Luego estuvo la cuestión política, otro de los misterios que envuelven a nuestro personaje. Durante los años dorados de su carrera, la década de los setenta, Italia padecía una efervescencia ideológica. Afirma Massimiliano Trovato que «en Battisti no hay más espacio que para la música, servida pura y nunca con corteza de ideología». Tal grado de apoliticismo fue considerado desprecio a la causa. Y, como suele ocurrir en ese tipo de procesos revolucionarios, la sospecha cayó sobre él.
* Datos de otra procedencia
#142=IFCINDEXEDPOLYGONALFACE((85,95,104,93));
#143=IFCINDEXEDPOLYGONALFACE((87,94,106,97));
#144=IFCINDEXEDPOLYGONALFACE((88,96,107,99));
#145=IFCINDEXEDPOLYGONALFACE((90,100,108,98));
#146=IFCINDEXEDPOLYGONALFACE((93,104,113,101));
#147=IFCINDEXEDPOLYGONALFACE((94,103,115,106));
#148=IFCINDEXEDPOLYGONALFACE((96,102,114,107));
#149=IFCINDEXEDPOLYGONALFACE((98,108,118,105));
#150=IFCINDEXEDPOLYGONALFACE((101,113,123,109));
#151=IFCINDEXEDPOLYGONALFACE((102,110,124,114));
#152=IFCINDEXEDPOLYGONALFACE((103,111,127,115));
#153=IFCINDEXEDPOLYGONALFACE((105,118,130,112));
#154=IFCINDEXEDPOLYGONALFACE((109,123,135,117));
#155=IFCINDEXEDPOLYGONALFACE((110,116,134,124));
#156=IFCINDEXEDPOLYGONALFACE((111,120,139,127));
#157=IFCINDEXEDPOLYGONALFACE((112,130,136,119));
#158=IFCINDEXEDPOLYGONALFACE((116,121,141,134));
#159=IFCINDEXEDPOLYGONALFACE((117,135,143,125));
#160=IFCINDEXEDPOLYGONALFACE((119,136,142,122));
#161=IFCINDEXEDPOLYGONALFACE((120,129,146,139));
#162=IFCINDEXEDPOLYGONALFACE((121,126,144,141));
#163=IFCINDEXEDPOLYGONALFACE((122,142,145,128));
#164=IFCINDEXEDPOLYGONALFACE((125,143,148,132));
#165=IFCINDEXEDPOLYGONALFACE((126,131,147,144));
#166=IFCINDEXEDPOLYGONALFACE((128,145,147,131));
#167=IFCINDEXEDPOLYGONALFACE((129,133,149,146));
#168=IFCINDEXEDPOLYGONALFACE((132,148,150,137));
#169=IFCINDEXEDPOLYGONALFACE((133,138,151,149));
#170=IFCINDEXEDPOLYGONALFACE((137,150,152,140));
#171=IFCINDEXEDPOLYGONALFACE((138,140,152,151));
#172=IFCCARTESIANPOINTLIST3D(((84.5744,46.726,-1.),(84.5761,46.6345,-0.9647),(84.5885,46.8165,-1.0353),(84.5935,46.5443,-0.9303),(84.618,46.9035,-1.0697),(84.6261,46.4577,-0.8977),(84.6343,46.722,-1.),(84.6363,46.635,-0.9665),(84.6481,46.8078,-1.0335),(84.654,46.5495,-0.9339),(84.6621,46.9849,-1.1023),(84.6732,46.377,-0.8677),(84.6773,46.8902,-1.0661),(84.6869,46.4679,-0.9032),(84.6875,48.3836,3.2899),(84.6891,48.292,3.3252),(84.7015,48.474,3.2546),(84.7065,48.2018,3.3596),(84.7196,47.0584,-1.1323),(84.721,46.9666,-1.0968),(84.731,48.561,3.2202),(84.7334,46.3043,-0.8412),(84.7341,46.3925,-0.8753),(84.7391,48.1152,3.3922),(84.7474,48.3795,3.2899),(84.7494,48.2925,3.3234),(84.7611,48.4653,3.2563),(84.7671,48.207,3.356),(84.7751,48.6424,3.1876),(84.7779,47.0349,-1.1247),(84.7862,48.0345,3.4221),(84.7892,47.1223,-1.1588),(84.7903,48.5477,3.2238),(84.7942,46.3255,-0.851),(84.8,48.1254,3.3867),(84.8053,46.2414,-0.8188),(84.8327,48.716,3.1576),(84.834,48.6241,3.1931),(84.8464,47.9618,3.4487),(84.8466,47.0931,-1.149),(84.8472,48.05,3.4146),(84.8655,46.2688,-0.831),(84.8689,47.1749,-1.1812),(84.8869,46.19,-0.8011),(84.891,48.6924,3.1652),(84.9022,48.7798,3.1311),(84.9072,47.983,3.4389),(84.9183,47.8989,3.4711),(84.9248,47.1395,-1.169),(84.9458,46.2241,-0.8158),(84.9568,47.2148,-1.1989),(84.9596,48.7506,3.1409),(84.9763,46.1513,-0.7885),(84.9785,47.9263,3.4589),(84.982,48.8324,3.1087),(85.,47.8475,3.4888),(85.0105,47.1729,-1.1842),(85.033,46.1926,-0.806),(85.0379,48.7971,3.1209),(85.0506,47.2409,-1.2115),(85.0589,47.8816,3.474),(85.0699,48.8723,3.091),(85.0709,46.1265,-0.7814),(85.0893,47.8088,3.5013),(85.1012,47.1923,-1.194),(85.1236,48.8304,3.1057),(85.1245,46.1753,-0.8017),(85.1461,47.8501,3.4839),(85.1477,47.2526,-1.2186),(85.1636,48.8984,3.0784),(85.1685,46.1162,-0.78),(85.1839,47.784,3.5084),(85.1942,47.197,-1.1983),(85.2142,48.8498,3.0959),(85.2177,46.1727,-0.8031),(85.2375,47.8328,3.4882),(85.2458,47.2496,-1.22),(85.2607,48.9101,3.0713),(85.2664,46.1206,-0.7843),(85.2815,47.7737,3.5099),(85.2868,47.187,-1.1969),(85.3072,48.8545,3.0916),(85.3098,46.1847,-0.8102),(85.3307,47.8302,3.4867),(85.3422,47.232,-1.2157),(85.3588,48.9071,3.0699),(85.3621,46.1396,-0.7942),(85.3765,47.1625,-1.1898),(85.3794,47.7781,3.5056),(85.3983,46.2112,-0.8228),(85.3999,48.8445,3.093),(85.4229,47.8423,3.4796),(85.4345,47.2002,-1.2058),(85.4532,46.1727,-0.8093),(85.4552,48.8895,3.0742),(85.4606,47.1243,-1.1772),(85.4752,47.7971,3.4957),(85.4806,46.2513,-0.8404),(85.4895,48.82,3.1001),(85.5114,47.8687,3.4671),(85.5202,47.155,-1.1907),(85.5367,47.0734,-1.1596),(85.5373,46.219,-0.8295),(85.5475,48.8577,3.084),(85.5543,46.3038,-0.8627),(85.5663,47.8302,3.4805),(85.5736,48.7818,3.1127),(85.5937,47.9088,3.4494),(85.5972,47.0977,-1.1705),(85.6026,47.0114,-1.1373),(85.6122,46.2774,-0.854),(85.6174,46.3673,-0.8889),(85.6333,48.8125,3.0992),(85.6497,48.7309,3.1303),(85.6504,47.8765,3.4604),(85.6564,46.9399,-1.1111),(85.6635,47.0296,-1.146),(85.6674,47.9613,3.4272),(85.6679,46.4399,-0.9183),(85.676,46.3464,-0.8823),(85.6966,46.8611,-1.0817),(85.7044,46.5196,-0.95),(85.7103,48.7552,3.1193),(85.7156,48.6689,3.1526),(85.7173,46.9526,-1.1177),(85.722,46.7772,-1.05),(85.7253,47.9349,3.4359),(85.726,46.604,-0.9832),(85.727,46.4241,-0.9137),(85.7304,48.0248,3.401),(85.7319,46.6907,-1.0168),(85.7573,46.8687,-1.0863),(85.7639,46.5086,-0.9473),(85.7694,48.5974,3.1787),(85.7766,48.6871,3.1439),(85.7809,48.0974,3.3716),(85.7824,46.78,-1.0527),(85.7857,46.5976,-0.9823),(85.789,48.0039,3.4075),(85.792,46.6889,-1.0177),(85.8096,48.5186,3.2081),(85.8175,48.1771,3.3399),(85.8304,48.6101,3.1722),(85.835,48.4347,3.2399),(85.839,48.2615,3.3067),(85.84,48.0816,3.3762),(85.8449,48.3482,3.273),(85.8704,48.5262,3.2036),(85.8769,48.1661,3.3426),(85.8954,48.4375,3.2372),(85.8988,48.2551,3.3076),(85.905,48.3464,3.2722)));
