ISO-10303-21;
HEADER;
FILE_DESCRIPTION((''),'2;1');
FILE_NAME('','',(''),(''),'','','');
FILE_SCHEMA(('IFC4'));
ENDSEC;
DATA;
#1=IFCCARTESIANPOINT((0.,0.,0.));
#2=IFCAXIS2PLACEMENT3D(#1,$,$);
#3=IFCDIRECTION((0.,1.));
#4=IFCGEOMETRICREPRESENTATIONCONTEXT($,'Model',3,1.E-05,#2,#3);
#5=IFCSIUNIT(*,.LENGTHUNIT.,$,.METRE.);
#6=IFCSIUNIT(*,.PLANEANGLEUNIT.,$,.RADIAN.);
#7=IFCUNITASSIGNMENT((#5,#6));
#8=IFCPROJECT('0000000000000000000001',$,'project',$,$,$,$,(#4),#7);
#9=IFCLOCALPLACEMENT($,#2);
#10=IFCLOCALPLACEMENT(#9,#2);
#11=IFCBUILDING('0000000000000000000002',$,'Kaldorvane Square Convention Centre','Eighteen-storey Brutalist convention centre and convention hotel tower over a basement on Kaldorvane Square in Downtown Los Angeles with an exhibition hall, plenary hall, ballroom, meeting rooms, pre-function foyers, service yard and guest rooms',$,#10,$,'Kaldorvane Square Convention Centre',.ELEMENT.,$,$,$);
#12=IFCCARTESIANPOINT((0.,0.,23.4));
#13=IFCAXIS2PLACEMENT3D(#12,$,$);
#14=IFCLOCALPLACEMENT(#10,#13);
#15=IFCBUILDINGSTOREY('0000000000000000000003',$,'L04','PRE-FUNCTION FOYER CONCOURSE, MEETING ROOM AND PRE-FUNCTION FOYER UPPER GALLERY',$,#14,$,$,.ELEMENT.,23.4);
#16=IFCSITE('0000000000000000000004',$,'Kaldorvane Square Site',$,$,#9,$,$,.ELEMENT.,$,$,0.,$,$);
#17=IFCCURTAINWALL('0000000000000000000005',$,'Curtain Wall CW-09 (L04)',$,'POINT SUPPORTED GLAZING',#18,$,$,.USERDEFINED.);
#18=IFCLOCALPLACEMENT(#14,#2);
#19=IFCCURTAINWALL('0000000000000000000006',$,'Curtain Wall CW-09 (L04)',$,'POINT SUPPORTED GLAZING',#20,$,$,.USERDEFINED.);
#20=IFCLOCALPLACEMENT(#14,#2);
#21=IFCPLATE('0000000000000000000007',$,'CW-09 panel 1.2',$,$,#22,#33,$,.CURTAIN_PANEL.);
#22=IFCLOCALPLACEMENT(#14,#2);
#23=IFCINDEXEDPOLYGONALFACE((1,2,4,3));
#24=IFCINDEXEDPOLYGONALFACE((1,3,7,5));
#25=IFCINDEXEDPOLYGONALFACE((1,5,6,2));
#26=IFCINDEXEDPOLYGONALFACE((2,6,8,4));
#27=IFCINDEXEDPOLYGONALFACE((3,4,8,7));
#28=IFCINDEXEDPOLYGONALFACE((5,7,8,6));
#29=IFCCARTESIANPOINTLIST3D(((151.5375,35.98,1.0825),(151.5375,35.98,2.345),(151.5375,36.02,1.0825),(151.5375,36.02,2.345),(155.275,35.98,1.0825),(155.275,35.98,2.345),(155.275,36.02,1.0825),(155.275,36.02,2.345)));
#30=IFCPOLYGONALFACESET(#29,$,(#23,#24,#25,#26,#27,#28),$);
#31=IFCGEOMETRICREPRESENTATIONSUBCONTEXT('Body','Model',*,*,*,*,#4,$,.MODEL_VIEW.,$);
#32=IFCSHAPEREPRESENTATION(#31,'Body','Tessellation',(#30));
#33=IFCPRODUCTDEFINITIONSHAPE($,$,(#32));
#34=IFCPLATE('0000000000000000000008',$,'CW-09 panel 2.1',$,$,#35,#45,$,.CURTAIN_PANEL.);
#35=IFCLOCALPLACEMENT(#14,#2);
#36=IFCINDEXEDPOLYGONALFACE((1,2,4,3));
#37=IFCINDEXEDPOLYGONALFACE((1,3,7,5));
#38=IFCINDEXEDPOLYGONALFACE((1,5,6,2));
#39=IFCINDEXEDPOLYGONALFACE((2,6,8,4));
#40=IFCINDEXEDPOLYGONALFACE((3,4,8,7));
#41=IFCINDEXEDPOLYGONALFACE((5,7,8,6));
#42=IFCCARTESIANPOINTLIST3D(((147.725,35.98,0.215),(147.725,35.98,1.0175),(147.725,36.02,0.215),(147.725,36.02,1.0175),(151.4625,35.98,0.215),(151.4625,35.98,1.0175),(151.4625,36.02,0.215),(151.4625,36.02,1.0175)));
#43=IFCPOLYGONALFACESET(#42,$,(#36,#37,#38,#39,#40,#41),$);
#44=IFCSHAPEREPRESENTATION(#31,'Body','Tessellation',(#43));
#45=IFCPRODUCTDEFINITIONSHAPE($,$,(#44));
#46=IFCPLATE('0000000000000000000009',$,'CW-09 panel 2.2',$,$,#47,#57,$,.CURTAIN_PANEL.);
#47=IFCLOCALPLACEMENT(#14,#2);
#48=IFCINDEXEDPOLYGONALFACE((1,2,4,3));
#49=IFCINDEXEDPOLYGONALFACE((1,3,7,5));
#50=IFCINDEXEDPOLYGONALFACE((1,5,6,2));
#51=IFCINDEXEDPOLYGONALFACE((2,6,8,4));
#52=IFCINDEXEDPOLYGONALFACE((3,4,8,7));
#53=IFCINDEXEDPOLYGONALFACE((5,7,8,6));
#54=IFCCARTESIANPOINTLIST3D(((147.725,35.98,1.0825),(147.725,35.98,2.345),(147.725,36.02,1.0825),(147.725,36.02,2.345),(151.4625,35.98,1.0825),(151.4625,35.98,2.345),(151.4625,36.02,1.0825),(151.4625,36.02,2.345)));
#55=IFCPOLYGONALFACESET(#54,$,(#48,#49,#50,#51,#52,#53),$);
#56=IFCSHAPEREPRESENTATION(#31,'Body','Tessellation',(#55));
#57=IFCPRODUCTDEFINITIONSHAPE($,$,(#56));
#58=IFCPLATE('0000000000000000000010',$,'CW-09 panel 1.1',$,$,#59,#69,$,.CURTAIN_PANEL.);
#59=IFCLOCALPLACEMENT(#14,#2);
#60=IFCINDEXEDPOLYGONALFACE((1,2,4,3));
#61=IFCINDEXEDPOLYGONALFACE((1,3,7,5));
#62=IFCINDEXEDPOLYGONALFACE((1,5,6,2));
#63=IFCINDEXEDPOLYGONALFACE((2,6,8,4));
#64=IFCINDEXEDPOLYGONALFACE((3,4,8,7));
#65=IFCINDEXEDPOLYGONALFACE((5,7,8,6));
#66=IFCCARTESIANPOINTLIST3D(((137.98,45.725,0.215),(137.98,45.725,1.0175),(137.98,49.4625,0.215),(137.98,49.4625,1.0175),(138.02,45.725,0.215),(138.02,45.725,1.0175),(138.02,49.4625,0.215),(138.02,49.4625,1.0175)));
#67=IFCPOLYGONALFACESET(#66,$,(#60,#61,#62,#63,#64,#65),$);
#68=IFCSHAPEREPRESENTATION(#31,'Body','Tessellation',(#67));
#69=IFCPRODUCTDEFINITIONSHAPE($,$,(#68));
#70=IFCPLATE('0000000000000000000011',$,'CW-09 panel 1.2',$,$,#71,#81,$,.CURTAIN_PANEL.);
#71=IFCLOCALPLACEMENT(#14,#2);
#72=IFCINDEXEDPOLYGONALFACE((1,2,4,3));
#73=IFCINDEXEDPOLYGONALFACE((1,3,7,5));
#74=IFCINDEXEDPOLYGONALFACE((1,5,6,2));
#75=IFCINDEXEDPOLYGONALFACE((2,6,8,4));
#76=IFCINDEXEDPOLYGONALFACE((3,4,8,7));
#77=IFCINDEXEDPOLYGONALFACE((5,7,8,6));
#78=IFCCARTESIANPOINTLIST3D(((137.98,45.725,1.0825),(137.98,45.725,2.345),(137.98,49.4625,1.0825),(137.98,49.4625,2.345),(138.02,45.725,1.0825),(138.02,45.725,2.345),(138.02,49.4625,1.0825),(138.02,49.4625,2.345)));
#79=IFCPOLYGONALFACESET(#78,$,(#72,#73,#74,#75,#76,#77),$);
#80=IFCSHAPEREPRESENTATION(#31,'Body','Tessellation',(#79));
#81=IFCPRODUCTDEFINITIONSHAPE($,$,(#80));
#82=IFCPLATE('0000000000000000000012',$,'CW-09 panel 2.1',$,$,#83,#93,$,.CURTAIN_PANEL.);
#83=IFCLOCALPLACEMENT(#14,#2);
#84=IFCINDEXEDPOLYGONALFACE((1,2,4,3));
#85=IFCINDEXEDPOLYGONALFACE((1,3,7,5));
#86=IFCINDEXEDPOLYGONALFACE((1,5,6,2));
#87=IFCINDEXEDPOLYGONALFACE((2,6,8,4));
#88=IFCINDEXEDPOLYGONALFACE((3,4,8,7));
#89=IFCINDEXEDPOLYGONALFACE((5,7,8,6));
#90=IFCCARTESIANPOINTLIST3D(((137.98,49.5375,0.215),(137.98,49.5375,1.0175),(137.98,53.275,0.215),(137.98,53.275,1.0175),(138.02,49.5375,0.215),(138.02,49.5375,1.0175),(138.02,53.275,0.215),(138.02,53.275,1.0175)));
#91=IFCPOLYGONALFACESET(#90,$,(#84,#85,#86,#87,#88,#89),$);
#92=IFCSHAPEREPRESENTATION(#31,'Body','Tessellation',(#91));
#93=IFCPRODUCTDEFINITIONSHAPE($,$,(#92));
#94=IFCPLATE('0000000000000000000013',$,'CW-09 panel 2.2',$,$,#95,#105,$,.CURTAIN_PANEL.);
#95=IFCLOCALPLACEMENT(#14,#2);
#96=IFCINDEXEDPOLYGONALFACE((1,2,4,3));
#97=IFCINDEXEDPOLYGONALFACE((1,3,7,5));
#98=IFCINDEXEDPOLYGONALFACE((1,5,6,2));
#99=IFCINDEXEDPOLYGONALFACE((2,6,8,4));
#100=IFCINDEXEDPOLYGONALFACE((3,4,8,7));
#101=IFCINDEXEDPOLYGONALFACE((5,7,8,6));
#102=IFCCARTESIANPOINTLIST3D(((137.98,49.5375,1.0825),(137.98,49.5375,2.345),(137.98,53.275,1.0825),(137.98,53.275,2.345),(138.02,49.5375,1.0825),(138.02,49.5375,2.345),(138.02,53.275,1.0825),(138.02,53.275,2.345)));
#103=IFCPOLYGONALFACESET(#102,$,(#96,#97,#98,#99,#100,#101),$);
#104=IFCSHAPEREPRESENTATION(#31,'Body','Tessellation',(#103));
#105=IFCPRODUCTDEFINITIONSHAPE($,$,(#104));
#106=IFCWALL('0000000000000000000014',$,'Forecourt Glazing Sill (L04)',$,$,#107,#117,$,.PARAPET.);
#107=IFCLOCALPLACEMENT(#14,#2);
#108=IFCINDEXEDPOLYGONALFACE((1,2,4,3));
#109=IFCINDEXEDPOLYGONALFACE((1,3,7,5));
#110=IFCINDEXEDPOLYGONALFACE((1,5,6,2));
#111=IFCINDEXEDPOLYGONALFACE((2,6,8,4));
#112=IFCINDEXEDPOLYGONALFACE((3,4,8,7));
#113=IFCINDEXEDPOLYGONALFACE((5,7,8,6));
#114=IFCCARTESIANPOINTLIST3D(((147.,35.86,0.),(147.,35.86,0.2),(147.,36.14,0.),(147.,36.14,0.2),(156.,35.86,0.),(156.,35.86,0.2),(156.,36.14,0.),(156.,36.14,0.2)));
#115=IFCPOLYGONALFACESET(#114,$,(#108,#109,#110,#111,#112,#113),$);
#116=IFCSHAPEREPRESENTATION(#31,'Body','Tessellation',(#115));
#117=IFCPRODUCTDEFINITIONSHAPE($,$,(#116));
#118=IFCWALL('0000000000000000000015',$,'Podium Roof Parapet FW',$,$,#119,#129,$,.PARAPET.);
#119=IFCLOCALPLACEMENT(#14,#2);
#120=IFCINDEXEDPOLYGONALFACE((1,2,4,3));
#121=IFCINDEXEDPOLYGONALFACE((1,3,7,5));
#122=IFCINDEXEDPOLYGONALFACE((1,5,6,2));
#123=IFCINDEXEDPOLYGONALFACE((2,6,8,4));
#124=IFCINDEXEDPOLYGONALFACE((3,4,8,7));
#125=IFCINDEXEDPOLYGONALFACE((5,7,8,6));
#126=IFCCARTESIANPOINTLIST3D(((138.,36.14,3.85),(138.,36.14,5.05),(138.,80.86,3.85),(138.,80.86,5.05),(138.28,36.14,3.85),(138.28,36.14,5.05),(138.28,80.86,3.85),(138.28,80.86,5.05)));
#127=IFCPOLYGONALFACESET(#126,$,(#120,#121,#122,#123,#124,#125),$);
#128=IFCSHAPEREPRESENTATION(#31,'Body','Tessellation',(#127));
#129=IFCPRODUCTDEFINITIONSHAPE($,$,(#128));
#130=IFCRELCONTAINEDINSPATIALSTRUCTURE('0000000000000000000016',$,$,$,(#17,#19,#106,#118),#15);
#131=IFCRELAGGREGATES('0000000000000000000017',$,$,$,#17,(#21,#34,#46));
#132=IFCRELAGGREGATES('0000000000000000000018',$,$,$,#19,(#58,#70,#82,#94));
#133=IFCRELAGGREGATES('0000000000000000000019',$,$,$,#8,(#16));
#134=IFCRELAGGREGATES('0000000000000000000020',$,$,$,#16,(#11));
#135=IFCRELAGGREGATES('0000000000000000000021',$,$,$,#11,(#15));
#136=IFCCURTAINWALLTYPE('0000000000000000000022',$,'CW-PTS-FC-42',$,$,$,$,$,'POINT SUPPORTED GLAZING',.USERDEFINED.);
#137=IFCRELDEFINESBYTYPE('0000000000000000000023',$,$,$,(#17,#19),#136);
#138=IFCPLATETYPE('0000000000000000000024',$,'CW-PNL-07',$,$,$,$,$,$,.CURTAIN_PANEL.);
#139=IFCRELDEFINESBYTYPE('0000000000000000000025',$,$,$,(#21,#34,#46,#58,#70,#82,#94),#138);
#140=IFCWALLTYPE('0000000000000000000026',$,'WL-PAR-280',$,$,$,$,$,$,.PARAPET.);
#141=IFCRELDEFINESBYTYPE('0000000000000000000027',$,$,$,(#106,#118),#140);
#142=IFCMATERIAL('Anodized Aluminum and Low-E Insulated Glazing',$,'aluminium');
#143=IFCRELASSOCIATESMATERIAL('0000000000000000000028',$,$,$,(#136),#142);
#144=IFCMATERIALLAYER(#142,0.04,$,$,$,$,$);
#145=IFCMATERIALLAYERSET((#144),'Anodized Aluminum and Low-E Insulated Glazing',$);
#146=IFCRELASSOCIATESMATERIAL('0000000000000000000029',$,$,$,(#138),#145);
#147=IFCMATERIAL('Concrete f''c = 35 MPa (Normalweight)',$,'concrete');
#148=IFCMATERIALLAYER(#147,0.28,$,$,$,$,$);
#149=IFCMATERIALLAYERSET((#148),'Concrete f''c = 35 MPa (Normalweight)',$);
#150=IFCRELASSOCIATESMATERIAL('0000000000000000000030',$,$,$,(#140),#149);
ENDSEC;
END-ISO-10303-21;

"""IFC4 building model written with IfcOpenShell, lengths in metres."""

from ifc_helpers import new_model, si_unit, direction, frame, frame_2d, origin, origin_2d, place, context, subcontext, project, spatial, rectangle, extrude, material, layer, layer_set, type_object, element, aggregate, save


model = new_model("IFC4")

# Units and contexts
model_context = context("Model", 3, precision=1e-05, world=origin(), true_north=direction((0.0, 1.0)))
body_context = subcontext(model_context, "Body", "Model", "MODEL_VIEW")
ifc_project = project(units=[si_unit("LENGTHUNIT", "METRE"), si_unit("PLANEANGLEUNIT", "RADIAN")], contexts=[model_context])

# Site, building, storey
site_placement = place(None, origin())
site = spatial("IfcSite", under=ifc_project, at=site_placement, Name="Kaldorvane Square Site", CompositionType="ELEMENT", RefElevation=0.0)
building_placement = place(site_placement, origin())
building = spatial("IfcBuilding", under=site, at=building_placement, Name="Kaldorvane Square Convention Centre", Description="Eighteen-storey Brutalist convention centre and convention hotel tower over a basement on Kaldorvane Square in Downtown Los Angeles with an exhibition hall, plenary hall, ballroom, meeting rooms, pre-function foyers, service yard and guest rooms", LongName="Kaldorvane Square Convention Centre", CompositionType="ELEMENT")
storey_placement = place(building_placement, frame((0.0, 0.0, 23.4)))
storey = spatial("IfcBuildingStorey", under=building, at=storey_placement, Name="L04", Description="PRE-FUNCTION FOYER CONCOURSE, MEETING ROOM AND PRE-FUNCTION FOYER UPPER GALLERY", CompositionType="ELEMENT", Elevation=23.4)

# Curtain wall
ifc_material_1 = material(Name="Anodized Aluminum and Low-E Insulated Glazing", Category="aluminium")
curtain_wall_type = type_object("IfcCurtainWallType", Name="CW-PTS-FC-42", ElementType="POINT SUPPORTED GLAZING", PredefinedType="USERDEFINED", material=ifc_material_1)
curtain_wall_1_placement = place(storey_placement, origin())
curtain_wall_1 = element("IfcCurtainWall", 1, at=curtain_wall_1_placement, inside=storey, type_object=curtain_wall_type, Name="Curtain Wall CW-09 (L04)", ObjectType="POINT SUPPORTED GLAZING", PredefinedType="USERDEFINED")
Al principio etiquetándolo de «producto pequeñoburgués». Después, acusado de fascista (en el término clásico, no el actual, degenerado) e, incluso, de financiar a un grupúsculo ultra. Cuestiones nunca aclaradas por el cantante (habría declarado en privado que esas cosas «alimentan la leyenda»), corrían de igual modo enigmáticas pistas musicales. Así, por ejemplo, en la canción La collina dei ciglieggi (La colina de los cipreses), un verso dice «planeando sobre bosques de brazos en alto» (saludo romano); o, en el tema Il veliero (El velero), Battisti susurraría «acercaos a la patria».
La mayoría de sus canciones tienen al amor, decíamos, por temática. Sin referencias políticas, que supuestamente no le interesaron nada. ¿Pero a quién cantaba, entonces, este caballero de los sentimientos, en medio del sofocante ambiente de los años de plomo? Una bellísima canción (Anche per te) parece desvelarlo: «Para ti que todavía de noche ya preparas tu café/Que te vistes sin mirar al espejo tras de ti/Que después entras a la iglesia y rezas despacio/Y mientras piensas en el mundo, ahora tan lejano de ti.» En efecto, el individuo Battisti se dirigía a otro individuo, un acto social, sí, pero no necesariamente colectivo, como afirma Trovato. Interpelaba a quien escuchaba sus obras, con los pequeños enigmas y las certezas de lo cotidiano, en torno, siempre, a un enamoramiento: «Trabajo y pienso en ti/Vuelvo a casa y pienso en ti/La llamo y pienso en ti/“¿Cómo estás?” Y pienso en ti…»
Volviendo del pasado, podríamos inferir que la obra de Lucio Battisti tuvo como propósito señalar la importancia del amor sobre los grandes temas que ocupan la actualidad, tragedias y líos gruesos que distraen el asunto individual e interesante de nuestras vidas. En su época fue la Guerra Fría, el terrorismo político o la mafia; hoy, esta pandemia y la crisis de la democracia liberal. Son estas impugnaciones al hecho insoslayable de que, en cualquier caso, ahora y más tarde, siempre, seguiremos amando.